Genetic Algorithms (GAs) are known for their versatility and robustness as optimization techniques, showcasing their effectiveness in a diverse array of domains. They have gained widespread recognition for their ability to tackle various challenges, including machine learning tasks such as clustering5,6, regression7, time-series analysis8, and improving the accuracy of classification algorithms9,10. Notably, Genetic Algorithms have demonstrated robust efficacy in the execution of classification tasks11,12.
However, despite their wide-ranging applicability, GAs can sometimes fall short of expectations, often due to the critical factor of parameter selection. This becomes especially vital in complex problems or when optimizing performance is essential. Suboptimal performance frequently arises from the misalignment of GA parameters, including population size, crossover probability, and mutation probability. These parameters, in both their absolute values and relative proportions, determine the GA’s behavior during the search process. Striking a delicate balance between exploiting the current best solution and exploring the entire solution space by combining solutions is essential13.
One common issue encountered in GAs is premature convergence14, a situation where the algorithm prematurely converges to a suboptimal solution. It occurs when GAs settle on a suboptimal solution too early, failing to explore potentially superior alternatives. Researchers have recognized this challenge and in15, they focus on identifying methods to prevent genetic algorithms from prematurely terminating.
The process of selecting suitable parameters for a genetic algorithm often involves trial and error approach, which can be time-consuming and computationally demanding. To address this issue, researchers have proposed three methods: empirical studies, parameter adaptation, and theoretical modeling.
Empirical studies involve conducting analyses on various test functions to observe the relationships between different aspects of a genetic algorithm. While this method provides valuable insights, it may not always yield generalizable results for all cases. Additionally, deriving precise recommendations from these studies can be challenging.
Parameter adaptation methods have also been suggested, focusing on dynamically controlling one or more operators, such as crossover probability or mutation rate. These methods adaptively adjust parameter values based on fitness values obtained from each generation. By continuously monitoring the performance of the algorithm, these adaptive techniques aim to maintain population diversity and improve convergence towards optimal solutions.

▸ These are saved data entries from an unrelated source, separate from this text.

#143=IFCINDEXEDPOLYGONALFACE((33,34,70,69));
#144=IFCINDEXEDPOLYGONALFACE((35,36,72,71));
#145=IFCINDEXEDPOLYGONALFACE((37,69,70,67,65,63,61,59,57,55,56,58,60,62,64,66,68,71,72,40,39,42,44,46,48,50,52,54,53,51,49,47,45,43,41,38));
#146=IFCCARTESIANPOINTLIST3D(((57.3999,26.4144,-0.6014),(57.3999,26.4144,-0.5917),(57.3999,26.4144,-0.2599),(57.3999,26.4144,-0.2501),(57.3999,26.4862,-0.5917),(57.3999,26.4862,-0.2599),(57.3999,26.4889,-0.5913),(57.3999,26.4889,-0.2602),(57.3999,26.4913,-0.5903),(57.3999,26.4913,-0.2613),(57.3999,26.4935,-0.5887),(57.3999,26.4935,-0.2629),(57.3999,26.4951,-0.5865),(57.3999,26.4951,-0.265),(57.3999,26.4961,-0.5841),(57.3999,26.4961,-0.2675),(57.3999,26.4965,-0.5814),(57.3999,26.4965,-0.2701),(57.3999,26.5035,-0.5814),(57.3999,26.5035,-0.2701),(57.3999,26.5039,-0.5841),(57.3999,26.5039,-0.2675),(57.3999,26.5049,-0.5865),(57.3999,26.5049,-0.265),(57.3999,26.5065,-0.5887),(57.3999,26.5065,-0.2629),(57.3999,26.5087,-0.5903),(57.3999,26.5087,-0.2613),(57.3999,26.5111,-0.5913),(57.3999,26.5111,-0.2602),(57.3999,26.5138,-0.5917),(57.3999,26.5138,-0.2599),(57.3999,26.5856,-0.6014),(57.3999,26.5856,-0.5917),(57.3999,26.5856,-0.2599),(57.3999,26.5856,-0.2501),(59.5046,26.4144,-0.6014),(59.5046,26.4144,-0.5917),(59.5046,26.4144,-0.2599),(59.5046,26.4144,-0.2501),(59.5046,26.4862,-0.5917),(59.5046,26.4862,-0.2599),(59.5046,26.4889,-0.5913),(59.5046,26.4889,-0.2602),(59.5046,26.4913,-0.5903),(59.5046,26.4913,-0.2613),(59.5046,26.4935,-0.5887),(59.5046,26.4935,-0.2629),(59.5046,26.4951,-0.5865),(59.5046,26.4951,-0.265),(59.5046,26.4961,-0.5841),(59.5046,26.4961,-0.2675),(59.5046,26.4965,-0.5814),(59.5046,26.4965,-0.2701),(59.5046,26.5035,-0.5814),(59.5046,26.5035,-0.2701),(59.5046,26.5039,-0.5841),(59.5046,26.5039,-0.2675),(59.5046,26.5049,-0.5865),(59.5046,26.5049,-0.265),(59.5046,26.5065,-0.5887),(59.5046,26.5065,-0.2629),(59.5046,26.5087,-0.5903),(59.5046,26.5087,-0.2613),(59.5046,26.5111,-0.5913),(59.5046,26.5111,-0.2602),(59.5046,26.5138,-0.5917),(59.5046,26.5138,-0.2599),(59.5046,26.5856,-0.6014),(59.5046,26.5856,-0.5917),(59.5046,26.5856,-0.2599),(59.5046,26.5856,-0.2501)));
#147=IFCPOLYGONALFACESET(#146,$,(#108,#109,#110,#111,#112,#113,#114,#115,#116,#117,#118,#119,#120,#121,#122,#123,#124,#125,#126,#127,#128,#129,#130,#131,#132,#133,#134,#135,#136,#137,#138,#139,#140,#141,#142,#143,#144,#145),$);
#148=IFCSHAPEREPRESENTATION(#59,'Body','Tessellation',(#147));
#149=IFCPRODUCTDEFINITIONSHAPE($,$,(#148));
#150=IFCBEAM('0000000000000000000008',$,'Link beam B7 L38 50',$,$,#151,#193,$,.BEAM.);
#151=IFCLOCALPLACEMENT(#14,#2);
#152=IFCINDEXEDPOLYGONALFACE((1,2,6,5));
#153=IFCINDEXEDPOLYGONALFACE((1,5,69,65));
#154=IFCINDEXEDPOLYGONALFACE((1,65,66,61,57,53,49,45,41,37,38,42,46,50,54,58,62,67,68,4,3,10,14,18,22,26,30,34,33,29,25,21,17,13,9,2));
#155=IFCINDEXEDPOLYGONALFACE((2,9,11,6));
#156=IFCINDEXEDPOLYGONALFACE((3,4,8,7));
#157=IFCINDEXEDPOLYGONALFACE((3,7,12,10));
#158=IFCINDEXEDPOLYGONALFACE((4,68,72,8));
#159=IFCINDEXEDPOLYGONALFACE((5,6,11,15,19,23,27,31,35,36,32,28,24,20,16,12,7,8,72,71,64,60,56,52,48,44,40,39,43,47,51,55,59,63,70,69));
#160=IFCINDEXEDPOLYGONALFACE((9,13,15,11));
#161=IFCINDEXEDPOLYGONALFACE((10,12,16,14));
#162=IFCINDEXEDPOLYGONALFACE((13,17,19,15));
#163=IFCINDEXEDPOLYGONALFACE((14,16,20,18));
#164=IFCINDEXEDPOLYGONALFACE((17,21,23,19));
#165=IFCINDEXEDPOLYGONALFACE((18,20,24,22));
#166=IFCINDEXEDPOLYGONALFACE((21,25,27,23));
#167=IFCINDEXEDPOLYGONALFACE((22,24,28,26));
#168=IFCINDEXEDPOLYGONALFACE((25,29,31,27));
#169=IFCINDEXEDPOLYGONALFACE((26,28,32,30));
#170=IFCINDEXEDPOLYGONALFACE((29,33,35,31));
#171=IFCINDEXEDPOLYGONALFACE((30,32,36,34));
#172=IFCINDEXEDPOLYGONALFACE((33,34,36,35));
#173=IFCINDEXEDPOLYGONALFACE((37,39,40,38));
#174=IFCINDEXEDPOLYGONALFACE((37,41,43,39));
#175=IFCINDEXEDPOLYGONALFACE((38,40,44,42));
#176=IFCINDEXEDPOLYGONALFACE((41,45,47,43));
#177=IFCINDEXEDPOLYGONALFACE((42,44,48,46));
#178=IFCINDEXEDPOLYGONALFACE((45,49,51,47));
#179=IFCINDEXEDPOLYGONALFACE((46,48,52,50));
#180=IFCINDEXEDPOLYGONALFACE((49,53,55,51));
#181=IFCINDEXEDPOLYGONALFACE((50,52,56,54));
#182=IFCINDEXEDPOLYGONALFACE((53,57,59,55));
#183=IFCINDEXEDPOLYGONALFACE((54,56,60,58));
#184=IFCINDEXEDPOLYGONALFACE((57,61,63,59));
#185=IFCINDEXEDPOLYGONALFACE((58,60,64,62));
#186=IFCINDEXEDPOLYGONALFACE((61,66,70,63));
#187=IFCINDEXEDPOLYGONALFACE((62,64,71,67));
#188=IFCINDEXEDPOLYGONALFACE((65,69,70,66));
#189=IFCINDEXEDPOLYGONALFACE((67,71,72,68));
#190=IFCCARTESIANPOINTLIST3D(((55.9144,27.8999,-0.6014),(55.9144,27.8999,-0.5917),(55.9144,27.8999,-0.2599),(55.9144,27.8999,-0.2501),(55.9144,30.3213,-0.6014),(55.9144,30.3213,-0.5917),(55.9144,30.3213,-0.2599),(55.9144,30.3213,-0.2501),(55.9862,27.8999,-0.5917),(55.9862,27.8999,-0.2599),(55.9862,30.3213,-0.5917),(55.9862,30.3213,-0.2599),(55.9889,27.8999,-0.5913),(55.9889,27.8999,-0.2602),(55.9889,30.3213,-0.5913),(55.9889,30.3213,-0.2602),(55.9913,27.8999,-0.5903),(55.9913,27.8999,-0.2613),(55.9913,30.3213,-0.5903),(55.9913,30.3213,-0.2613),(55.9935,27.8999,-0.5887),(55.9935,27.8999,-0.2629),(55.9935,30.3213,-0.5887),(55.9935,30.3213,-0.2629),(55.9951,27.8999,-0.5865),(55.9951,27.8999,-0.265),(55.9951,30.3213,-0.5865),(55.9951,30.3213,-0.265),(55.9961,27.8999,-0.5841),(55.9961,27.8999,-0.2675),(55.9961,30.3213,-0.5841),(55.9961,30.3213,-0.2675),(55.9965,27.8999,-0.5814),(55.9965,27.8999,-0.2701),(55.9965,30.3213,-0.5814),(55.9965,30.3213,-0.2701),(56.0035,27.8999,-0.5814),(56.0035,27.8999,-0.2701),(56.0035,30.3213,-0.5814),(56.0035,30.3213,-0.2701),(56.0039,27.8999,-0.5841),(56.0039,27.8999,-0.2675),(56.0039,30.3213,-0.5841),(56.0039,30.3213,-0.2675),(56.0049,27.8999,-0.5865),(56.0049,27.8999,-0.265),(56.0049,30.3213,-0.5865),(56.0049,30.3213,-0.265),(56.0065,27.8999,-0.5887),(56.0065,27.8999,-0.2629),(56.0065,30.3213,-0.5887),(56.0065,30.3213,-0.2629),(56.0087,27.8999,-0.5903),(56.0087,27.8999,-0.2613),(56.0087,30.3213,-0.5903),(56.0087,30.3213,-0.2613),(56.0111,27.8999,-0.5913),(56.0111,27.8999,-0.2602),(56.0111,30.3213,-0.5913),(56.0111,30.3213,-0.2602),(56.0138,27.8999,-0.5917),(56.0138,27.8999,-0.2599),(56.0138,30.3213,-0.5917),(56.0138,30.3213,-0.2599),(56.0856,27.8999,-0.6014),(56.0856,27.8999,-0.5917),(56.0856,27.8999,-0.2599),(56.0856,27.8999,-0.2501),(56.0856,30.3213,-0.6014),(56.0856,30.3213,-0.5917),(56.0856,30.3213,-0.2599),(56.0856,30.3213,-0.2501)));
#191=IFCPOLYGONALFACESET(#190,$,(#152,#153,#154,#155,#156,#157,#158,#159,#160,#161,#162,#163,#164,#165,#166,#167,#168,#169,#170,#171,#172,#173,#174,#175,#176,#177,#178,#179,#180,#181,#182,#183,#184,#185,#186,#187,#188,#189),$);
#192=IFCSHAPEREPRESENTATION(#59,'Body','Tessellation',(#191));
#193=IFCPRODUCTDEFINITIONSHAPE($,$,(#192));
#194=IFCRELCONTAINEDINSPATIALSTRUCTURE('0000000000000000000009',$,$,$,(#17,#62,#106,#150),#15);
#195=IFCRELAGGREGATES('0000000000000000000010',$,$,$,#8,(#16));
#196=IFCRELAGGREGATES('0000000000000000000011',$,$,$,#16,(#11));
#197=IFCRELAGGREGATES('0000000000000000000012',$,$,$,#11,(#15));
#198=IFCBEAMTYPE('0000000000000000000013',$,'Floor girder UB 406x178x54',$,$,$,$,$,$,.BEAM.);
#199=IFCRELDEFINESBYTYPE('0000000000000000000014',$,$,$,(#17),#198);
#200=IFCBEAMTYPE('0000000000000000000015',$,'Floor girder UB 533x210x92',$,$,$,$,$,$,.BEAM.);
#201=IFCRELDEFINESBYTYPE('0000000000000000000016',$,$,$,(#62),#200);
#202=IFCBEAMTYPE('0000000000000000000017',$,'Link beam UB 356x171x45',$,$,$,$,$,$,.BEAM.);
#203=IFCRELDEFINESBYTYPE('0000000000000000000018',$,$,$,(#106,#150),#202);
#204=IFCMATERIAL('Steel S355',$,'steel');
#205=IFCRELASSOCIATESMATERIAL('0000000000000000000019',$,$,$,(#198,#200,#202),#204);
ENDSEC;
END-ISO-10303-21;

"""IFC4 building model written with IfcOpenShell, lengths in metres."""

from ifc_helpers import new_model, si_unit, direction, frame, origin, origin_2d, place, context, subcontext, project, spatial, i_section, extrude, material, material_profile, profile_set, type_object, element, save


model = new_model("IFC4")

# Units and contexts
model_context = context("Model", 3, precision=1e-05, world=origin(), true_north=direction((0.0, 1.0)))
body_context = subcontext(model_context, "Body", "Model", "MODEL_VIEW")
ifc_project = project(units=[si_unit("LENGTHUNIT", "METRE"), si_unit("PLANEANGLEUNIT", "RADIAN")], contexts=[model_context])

Theoretical modeling is another approach that seeks to provide a deeper understanding of the GA dynamics and the influence of parameter values on its behavior. Through mathematical models and analyses, researchers aim to uncover the underlying principles governing the GA’s performance. This theoretical knowledge can guide the selection of parameter values and lead to more informed decision-making. Theoretical studies on GA parameter tuning are based on simplified models of the problem and GA behavior, which may not accurately reflect real-world situations. Additionally, these models often rely on binary coding, which limits their applicability to problems that benefit from more complex representations. As a result, theoretical studies require knowledge of the problem that is not readily available, and their results may not be generalizable to other problems or encoding schemes.
Over the past decade, automated methods for configuring state-of-the-art algorithms have gained widespread recognition as a highly effective alternative. Notable examples of such general-purpose automated algorithm configurators include irace16, ParamILS17, and SMAC18. These automated tools have streamlined the process of fine-tuning algorithms, providing a robust alternative to manual configuration.
The software package irace is dedicated to implementing multiple automated configuration methods16. Specifically, it introduces iterated racing procedures, which have proven successful in automating the configuration of various cutting-edge algorithms. Irace’s primary objective is to streamline the demanding task of fine-tuning optimization algorithm parameters. Furthermore, it can also be applied to discover optimal settings in diverse computational systems, such as robotics and traffic light controllers. However, it’s important to note that the current iterated racing algorithms within irace have some limitations. Most notably, they were primarily designed for scenarios where reducing computation time is not the primary focus.
In a related context,17 presents ParamILS, an approach grounded in Reinforcement Learning (RL). ParamILS is designed to fine-tune RL agents in environments belonging to the algorithm configuration domain. This domain seeks to identify better parameters to enhance overall algorithm performance.
Another method tailored to addressing computationally expensive black box problems is SMAC, the sequential configuration of algorithms based on the search space18. This approach involves adapting a general algorithm to a specific problem, effectively replacing manual parameter adjustments with automatic determination.
One of the primary challenges in automated algorithm configuration is the time required to assess a configuration’s performance and the size of the configuration space, particularly when dealing with complex training dataset. The practice of randomly selecting configurations can lead to timeouts and provide limited valuable insights. While irace employs racing methods based on statistical tests to discard underperforming configurations, it may still result in insufficient information about the configurations’ effectiveness.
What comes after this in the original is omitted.